Una verdad escondida
3 de mayo de 2014
|Cuando el cartero llegó a la casa, el susto le aumentó las ganas de tomar café. Que la puerta estuviera cerrada era normal, pero la ventana… Para un joven, este encierro significaba enfermedad o muerte pues en esa dirección vivía una anciana ajena a notificaciones oficiales de embajadas anunciadoras de futuros viajes. De contra, el silbato lo olvidó y no le quedó mas remedio que, gracias a la delgadez de la carta, introducirla por debajo de la puerta y perderse la tacita del oloroso. A la nieta, la primera en llegar de la familia, también la asustó el cierre de la ventana y, aun más, la carta abandonada. Corrió hacia el dormitorio de la anciana, temor en el corazón y grito en la garganta. La encontró viva, pálida y con expresión triste en aquel rostro en que el optimismo con su luz, maquillaba las arrugas.
La estudiante de Medicina observó la respiración acompasada y las manos recogidas en el regazo. Descartó el malestar físico y, conociéndola, supuso que esta tristeza demostrada, provenía de otros rumbos. Se arrodilló a sus pies y acomodó la cabeza entre las manos recogidas. Diez años atrás, así contaba sus tribulaciones de niña. Esta mujer la consolaba. Hoy, ella la consolaría.
La abuela interpretó el gesto de esta escena del pasado en que hoy cambiarían de lugar los personajes.
Al principio, a la muchacha las palabras le resultaron incomprensibles. Eran oraciones sueltas de difícil ilación. Saltaban de un tema a otro, nacidos de hechos o situaciones desconocidos para ella y que venían de etapas no vividas y jamás desplegadas en las numerosas conversaciones que compartían juntas. Permaneció callada. Sentía que la anciana necesitaba desbocarse en apreciaciones para así, aliviar el alma.
Al fin, salió la anécdota recién nacida, provocadora de su vergüenza. Un anciano tan anciano como ella, la había ofendido. Le había faltado al respeto.
La nieta creyó entender la causa de la aflicción. En su condición de viuda de un hombre intachable, aquel novio primero de amor azul nacido en la adolescencia, esposo, padre y abuelo, recordado con veneración en la familia y venerado por ella, y uno cualquiera, sin considerar su recuerdo, ni apreciar la serenidad de la ancianidad, lo ofendió en pensamiento al insinuarle amores a esta viuda.
La joven en son de la tranquilidad, le habló de la falta de valores y sentido del respeto en algunos seres que deambulaban por la ciudad e, inclusive, podían disfrazarse de buenas personas y entrar en confianza hasta para delinquir si la situación era propicia. Y enumeró casos y le repitió las advertencias que al marchar todos y dejarla sola, le decían día tras día.

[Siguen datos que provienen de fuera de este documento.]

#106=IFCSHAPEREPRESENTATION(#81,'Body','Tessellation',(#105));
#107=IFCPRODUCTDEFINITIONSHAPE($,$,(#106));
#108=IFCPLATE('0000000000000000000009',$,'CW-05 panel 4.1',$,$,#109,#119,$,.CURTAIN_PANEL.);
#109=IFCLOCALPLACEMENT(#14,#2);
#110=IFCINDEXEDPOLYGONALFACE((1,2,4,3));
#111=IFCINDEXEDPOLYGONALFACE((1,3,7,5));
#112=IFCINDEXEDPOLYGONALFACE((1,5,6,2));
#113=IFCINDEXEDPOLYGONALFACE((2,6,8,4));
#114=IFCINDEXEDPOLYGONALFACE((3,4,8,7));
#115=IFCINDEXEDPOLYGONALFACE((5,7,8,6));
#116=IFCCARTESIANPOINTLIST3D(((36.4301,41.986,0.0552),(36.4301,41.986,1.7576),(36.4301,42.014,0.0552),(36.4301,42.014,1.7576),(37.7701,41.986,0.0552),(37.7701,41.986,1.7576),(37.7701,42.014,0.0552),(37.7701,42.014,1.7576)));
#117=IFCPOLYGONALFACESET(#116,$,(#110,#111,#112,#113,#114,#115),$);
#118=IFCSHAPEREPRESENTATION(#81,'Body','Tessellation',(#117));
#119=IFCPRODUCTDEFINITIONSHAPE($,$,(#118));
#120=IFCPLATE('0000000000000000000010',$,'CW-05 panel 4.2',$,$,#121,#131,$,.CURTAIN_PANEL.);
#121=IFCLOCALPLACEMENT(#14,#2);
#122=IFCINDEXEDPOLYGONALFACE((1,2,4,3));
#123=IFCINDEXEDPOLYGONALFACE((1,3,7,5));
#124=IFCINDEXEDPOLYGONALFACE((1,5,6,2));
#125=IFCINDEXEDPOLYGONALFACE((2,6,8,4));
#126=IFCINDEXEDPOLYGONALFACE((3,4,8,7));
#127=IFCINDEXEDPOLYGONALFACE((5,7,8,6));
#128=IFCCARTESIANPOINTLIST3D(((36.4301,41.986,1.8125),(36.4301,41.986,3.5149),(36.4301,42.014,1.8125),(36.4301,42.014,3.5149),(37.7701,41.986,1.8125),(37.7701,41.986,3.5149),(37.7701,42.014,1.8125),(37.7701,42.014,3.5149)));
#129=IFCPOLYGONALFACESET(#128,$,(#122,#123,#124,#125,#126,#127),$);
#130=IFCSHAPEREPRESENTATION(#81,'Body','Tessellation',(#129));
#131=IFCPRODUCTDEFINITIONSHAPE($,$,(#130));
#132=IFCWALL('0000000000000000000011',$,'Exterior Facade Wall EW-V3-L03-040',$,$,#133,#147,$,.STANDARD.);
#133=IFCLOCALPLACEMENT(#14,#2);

Para diluir la preocupación en la futura profesional de la salud, la abuela guardó la verdad vergonzante. Esta joven no podría interiorizar que su tristeza procedía de que el anciano, tan anciano como ella, se burló de la posibilidad de que los otros imaginaran un romance entre ellos. Porque aun la mujer lidiadora de sus derechos emancipadores y hasta con un pie apoyado en la tumba, le gusta que la respeten, pero también que la deseen.